# New Method: Pairing First 8 Edges



## AHornbaker (Jun 17, 2013)

Hello All!

I came up with this (hopefully) new method for pairing the first 8 edges on any big cube. I haven't seen it anywhere else yet, and it seems to work pretty well for me so far. It's like the freeslice method, but is more organized and has way easier recognition. I'm not sure how the move count compares to other methods, but it's much easier than any other method i've tried. Great recognition. I feel like it has much more potential on a 7x7 than a 5x5. Let me know what you all think about this. 

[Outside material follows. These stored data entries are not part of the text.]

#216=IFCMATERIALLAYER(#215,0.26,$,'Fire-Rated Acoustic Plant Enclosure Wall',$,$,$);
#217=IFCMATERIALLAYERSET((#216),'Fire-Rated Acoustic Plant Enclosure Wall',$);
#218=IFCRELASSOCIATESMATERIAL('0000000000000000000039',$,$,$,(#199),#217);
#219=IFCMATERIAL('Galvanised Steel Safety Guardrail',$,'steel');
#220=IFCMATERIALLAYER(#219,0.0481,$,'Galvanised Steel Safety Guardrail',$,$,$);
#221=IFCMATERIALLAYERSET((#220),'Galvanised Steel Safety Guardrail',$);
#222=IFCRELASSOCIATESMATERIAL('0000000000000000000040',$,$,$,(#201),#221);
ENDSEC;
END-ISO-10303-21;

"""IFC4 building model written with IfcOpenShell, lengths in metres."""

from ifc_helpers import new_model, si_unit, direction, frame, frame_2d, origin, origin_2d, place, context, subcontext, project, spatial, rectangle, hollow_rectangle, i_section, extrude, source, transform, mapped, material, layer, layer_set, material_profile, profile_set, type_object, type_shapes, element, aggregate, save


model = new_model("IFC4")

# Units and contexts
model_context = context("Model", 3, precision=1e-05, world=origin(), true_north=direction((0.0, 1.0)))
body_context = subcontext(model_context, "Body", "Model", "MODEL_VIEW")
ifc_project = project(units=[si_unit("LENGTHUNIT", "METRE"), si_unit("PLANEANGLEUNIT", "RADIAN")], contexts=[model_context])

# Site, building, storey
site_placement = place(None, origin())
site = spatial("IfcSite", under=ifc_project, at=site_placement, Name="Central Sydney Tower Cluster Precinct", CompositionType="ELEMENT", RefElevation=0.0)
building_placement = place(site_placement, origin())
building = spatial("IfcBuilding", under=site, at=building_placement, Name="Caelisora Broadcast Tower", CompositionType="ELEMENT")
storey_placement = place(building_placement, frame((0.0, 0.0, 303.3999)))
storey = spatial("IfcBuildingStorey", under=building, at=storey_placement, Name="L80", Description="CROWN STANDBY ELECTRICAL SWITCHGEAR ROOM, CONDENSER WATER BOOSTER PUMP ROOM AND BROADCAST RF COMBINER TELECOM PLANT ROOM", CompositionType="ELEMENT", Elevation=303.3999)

Any constructive criticism is welcome. 

http://youtu.be/OBsHT-hk1ks


----------



## Frubix (Jun 17, 2013)

Sounds good.
I'll watch the video


----------



## Username (Jun 17, 2013)

What would you do if you get 2 whites in the same tredge, but the white stickers are facing one up and one down?

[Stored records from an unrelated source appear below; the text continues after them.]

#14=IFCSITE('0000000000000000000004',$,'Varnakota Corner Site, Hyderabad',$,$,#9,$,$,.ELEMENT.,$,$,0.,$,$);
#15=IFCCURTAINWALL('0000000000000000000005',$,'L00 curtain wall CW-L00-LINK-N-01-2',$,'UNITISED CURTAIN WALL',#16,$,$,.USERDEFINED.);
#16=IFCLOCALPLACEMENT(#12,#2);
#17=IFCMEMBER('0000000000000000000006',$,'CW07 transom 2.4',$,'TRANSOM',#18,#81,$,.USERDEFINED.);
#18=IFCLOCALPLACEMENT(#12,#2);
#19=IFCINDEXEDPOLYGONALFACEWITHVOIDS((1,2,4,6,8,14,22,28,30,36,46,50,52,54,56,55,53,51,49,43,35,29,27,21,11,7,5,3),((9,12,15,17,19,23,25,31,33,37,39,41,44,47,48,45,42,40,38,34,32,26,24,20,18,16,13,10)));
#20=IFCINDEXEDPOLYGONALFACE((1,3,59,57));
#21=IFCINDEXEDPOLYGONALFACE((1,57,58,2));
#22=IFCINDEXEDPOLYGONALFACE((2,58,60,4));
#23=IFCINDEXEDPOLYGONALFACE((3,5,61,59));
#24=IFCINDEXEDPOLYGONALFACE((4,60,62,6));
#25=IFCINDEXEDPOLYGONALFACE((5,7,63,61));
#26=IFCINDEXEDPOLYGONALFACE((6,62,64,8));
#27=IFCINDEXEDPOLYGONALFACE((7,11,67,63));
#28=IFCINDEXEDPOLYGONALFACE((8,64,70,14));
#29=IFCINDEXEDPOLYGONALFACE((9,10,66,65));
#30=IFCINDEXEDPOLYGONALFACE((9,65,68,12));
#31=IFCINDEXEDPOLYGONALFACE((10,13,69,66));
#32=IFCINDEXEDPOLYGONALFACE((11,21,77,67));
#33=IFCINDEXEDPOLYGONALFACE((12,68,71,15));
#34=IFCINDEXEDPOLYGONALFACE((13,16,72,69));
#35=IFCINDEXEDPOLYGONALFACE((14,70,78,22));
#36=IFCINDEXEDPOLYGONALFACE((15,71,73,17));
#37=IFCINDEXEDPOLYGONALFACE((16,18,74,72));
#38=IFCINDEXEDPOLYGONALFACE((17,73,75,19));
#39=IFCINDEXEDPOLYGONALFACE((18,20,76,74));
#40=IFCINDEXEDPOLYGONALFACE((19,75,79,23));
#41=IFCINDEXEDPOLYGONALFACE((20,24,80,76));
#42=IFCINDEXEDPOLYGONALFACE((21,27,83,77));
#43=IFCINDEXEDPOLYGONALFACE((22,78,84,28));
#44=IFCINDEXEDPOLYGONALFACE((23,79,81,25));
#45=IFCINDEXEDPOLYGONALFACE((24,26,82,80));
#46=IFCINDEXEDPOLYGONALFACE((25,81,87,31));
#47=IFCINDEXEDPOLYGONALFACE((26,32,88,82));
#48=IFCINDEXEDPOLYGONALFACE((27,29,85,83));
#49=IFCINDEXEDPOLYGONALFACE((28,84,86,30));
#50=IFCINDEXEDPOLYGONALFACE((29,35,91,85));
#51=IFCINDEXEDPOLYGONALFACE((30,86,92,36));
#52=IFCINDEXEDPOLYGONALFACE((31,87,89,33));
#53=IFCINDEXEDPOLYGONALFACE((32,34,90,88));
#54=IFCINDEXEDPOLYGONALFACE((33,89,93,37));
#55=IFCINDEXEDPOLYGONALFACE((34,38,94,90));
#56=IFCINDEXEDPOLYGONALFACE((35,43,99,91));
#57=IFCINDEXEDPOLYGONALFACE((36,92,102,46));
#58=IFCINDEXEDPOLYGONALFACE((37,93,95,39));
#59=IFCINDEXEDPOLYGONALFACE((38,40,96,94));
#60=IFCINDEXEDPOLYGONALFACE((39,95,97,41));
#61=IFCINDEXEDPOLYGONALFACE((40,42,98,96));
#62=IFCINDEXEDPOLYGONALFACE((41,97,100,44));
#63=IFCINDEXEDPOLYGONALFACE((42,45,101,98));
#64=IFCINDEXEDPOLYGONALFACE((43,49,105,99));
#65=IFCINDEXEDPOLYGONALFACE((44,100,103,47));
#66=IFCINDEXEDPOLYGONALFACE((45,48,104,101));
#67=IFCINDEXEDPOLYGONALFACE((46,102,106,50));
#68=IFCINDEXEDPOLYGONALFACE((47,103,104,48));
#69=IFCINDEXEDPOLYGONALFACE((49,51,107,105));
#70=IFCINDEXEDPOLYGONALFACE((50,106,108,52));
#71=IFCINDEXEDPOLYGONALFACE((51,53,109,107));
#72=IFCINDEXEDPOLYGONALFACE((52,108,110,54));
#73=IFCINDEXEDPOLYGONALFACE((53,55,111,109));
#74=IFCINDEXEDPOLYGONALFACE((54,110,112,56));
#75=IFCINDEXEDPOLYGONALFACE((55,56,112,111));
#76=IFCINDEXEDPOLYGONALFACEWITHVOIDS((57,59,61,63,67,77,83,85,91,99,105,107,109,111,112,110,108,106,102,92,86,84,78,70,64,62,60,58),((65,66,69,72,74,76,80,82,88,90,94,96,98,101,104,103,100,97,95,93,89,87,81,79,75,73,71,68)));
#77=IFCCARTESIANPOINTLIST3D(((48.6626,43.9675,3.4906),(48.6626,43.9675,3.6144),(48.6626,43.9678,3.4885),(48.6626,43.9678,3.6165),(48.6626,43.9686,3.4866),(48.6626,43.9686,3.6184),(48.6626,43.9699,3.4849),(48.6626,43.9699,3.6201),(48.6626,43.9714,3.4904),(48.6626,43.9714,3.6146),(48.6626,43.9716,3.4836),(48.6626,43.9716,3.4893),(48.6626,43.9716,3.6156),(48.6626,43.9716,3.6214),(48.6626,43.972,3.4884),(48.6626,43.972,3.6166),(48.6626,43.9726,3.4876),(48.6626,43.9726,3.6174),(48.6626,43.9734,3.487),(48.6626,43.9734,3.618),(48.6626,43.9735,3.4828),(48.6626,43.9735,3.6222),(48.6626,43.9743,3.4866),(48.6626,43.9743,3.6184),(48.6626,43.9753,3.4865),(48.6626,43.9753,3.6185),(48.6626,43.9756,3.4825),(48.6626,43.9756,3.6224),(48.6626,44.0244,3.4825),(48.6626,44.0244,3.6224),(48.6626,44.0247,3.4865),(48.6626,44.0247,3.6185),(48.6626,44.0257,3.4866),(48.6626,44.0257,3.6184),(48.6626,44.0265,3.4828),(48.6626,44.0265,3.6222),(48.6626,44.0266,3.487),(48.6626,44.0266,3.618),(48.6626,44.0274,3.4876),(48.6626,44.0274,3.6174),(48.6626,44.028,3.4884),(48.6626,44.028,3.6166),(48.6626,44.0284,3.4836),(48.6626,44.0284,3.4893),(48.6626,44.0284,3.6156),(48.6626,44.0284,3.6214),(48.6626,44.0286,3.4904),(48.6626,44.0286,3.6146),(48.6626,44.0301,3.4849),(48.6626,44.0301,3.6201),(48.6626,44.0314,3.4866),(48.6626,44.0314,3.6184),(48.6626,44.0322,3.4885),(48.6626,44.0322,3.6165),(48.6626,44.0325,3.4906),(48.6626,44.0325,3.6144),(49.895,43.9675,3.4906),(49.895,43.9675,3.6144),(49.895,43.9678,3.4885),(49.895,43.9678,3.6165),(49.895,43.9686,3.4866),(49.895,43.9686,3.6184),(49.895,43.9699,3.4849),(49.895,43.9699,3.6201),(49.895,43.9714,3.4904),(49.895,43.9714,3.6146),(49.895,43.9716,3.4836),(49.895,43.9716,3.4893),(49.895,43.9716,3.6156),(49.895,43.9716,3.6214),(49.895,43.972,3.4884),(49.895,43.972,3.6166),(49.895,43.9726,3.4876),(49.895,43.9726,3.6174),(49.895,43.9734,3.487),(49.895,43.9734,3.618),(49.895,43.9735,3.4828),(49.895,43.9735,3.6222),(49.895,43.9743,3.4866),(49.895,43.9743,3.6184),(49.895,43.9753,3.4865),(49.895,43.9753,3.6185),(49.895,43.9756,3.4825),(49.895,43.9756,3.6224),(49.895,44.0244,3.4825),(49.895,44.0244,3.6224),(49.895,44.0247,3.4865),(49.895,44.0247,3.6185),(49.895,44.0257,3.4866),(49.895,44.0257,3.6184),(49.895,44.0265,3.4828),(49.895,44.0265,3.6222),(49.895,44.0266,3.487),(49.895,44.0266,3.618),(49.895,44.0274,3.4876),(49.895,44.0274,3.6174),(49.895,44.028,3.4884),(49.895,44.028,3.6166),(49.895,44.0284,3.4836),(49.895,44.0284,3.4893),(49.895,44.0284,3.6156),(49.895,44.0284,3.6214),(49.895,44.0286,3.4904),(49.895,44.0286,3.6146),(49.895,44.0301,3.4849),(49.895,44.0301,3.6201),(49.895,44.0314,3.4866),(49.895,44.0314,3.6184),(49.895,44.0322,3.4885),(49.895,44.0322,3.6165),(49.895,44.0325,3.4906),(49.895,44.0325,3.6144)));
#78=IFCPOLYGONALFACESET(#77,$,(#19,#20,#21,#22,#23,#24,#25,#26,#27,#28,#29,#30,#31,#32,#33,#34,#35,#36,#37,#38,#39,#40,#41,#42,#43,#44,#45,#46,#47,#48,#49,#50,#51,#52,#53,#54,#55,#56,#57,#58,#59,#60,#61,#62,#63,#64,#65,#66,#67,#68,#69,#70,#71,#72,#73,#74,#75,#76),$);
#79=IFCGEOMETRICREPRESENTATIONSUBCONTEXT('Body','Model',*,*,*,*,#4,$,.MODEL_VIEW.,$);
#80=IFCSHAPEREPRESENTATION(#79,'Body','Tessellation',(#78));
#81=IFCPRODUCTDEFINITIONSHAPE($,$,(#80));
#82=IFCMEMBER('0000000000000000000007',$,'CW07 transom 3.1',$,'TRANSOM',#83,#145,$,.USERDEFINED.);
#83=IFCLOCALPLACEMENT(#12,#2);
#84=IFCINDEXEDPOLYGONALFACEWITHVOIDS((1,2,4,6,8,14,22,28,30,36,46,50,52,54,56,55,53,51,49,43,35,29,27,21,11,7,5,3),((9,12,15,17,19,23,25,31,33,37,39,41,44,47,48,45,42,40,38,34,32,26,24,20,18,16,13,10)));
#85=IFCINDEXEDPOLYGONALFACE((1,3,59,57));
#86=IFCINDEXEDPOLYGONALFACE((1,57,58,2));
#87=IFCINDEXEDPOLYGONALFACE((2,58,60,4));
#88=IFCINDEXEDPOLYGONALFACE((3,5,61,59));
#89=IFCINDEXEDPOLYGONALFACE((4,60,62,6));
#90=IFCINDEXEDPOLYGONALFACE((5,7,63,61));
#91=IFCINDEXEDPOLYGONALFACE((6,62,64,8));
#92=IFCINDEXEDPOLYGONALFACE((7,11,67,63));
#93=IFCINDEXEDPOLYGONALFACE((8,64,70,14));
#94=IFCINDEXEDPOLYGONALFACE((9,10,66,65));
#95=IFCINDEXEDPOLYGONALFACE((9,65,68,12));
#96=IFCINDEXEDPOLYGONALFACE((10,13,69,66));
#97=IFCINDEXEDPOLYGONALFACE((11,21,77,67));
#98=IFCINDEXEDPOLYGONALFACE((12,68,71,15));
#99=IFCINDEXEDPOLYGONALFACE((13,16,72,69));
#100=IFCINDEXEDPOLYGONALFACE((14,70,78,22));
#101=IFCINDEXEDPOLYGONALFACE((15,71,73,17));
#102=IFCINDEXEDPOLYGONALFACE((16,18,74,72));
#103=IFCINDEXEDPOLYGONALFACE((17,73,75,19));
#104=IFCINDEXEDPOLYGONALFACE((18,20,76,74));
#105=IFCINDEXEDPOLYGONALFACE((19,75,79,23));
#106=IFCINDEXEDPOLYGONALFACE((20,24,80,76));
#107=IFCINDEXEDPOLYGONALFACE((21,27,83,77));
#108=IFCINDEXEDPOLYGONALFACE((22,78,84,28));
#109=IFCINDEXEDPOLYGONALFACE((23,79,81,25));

Or if lets say all the right pieces are already facing the same way but not the rest, you can't insert anything in that case without braking it up


----------



## Mike Hughey (Jun 17, 2013)

Username said:


> What would you do if you get 2 whites in the same tredge, but the white stickers are facing one up and one down?

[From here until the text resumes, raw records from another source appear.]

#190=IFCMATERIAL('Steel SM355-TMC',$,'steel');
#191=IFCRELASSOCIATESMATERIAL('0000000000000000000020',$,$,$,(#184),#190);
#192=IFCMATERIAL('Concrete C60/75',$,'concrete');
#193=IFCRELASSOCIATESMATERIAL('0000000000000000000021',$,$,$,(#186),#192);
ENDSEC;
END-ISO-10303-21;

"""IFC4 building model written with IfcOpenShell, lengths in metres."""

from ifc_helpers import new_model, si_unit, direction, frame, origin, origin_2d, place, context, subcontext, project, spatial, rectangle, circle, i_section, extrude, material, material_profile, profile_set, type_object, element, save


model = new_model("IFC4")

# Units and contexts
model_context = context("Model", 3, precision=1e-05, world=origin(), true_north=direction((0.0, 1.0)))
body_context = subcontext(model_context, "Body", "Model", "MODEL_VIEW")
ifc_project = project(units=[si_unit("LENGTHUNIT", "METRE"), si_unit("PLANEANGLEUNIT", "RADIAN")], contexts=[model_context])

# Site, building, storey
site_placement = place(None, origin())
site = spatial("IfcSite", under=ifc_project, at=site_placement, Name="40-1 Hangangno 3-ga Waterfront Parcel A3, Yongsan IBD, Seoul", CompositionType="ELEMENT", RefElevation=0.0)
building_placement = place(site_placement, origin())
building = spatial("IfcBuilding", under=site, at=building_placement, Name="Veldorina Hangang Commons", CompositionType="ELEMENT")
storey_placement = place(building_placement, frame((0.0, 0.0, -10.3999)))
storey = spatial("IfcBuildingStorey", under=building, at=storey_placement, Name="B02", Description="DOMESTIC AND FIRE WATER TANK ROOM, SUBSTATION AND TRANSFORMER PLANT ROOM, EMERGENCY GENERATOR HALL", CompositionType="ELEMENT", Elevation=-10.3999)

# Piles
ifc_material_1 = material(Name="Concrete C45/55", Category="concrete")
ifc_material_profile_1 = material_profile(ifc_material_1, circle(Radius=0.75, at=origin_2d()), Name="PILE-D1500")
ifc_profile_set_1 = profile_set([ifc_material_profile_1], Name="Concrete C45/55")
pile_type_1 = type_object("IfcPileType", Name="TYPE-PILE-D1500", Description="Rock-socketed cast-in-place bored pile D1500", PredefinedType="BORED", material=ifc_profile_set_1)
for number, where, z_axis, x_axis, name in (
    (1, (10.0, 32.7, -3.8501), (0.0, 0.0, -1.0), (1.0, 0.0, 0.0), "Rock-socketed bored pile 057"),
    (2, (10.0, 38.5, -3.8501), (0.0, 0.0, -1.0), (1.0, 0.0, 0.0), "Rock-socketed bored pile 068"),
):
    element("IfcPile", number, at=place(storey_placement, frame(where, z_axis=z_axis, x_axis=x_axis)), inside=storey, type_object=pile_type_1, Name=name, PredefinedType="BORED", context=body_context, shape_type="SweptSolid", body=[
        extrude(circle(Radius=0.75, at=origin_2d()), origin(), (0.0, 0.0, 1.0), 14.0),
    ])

You push down the one that's facing down, but not the other one. The other one will then probably be carried into the side as you get the next one from the side. Worst case, at the end, you have to move your last edge to the side and then bring it back. Not many extra moves, and probably a rare case (although I'm not sure about that).

I have to say I really like this method; even if it proves to not be workable as an all-out speed method (I have no idea whether it will be or not), it's fun. I love the way it works. Thanks for sharing it.


----------



## ben1996123 (Jun 17, 2013)

Username said:


> What would you do if you get 2 whites in the same tredge, but the white stickers are facing one up and one down?
> 
> Or if lets say all the right pieces are already facing the same way but not the rest, you can't insert anything in that case without braking it up



push 1 down, flip edge, push other down

he does it in the video


----------



## Mike Hughey (Jun 17, 2013)

ben1996123 said:


> push 1 down, flip edge, push other down



Most of the time you can just ignore the other edge; like I said, it goes away when you insert the next one, then you insert it when you get to it. You don't actually have to perform a flip in most cases.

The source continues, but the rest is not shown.